Dan Fasulo, managing director and head of global research with Real Capital Analytics (RCA), a New York-based research firm, forecasts that in 2011 retail investment sales volume will reach anywhere between $30 billion and $40 billion, a level of activity last seen in 2004. It would be double the total projected retail sales activity in 2010, which Fasulo estimated would total between $18 billion and $20 billion.
FUNDAMENTALS IMPROVE
Fundamentals in the retail sector got better throughout 2010. Leasing indicators finally began to improve in the third quarter, which marked the first time since 2007 that vacancy rates either remained flat or declined. At the end of third quarter, the vacancy rate for community and neighborhood shopping centers stood at 10.9%, the same as the quarter prior, according to Reis Inc., a New York City-based research firm. The vacancy rate for regional malls fell 20 basis points, to 8.8%.
There are still some concerns that vacancies may rise during the first six months of 2011 before finding firmer footing.
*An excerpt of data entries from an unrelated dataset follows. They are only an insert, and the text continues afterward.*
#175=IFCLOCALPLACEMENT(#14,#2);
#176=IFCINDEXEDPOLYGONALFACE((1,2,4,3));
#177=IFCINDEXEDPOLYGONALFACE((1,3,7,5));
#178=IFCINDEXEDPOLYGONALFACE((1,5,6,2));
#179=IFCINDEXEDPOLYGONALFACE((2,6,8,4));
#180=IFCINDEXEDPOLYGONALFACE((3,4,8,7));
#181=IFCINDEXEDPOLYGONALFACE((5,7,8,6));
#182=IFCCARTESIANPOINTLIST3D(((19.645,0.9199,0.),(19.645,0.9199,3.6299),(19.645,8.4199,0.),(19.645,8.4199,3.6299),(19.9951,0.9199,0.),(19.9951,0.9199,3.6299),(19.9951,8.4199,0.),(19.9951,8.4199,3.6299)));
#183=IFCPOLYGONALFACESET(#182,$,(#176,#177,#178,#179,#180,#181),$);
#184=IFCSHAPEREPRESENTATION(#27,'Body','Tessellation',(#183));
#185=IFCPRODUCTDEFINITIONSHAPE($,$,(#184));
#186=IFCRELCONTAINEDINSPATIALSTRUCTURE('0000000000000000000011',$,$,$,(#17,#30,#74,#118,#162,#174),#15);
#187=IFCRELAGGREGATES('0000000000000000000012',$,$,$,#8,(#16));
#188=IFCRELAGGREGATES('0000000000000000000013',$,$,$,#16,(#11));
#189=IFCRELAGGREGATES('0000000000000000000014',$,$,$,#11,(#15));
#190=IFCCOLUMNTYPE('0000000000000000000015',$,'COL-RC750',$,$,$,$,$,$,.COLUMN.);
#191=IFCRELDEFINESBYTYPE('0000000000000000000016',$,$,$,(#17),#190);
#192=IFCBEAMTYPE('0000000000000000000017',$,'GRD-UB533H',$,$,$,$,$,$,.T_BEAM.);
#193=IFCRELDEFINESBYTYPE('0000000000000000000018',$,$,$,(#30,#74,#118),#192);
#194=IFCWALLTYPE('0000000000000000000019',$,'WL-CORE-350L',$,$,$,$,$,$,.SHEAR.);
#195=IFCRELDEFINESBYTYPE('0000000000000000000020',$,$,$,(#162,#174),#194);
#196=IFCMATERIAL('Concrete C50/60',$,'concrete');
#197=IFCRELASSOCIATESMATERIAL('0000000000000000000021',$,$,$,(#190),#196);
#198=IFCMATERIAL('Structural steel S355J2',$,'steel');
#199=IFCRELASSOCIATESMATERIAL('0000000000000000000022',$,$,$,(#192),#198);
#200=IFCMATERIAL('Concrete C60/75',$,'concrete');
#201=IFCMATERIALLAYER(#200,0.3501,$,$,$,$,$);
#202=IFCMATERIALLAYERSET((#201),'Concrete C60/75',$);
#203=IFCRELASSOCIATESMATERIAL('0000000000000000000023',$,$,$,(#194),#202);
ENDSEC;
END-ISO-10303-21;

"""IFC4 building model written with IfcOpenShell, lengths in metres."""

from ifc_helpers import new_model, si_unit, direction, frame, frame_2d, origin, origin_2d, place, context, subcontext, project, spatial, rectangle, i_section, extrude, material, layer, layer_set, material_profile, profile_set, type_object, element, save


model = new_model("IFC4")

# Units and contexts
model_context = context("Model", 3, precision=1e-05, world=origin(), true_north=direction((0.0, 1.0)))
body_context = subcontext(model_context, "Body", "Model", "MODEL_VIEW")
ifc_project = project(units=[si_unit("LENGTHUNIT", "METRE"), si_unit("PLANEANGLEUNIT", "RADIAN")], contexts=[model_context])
But with limited amount of new space in the pipeline, if consumer spending remains stable, retail vacancies should continue to shrink, said Chris Macke, senior real estate strategist with the CoStar Group, a Bethesda, Md.-based research firm.
At any rate, even the appearance of improving leasing fundamentals serves to calm investors' fears. There is a feeling in the marketplace that the retailers that escaped the Great Recession are, as a group, in better financial shape than they were pre-2007, said Alan L. Pontius, senior vice president and head of the national retail group with Marcus & Millichap Real Estate Investment Services. And the lack of new development is an added bonus, according to Christopher J. Decoufle, Atlanta-based senior vice president, capital markets, with CB Richard Ellis' national retail investment group.
“The fact that there is no new competition is very important for anyone on the acquisition side because it removes a lot of ambiguity from your underwriting,” Decoufle said.
At the same time as the leasing outlook began to improve, the third quarter of 2010 marked a turning point for investment sales activity. The quarter was the strongest for investment sales since the downturn began in the fall of 2007, according to RCA. Retail volume reached $5.5 billion, an increase of 131% over the same quarter a year ago and almost double the figure recorded in the second quarter.
Through November of last year, retail investment sales volume totaled $13.4 billion, overtaking the $13 billion recorded in all of 2009, according to Fasulo. A lot of the activity is currently focused on grocery-anchored shopping centers in primary markets.
Part of the reason grocery anchors were in demand in 2010 is that they are necessity-based and perform well regardless of the economic environment. It's also easier to line up financing for grocery-anchored centers, Decoufle explained. Today, virtually any lender, including banks, life insurance companies and conduit lenders, will provide loans for grocery-anchored strips in primary markets. With a loan-to-value (LTV) ratio under 60%, the interest rates on such properties can start at 4% on five-year fixed-rate loans.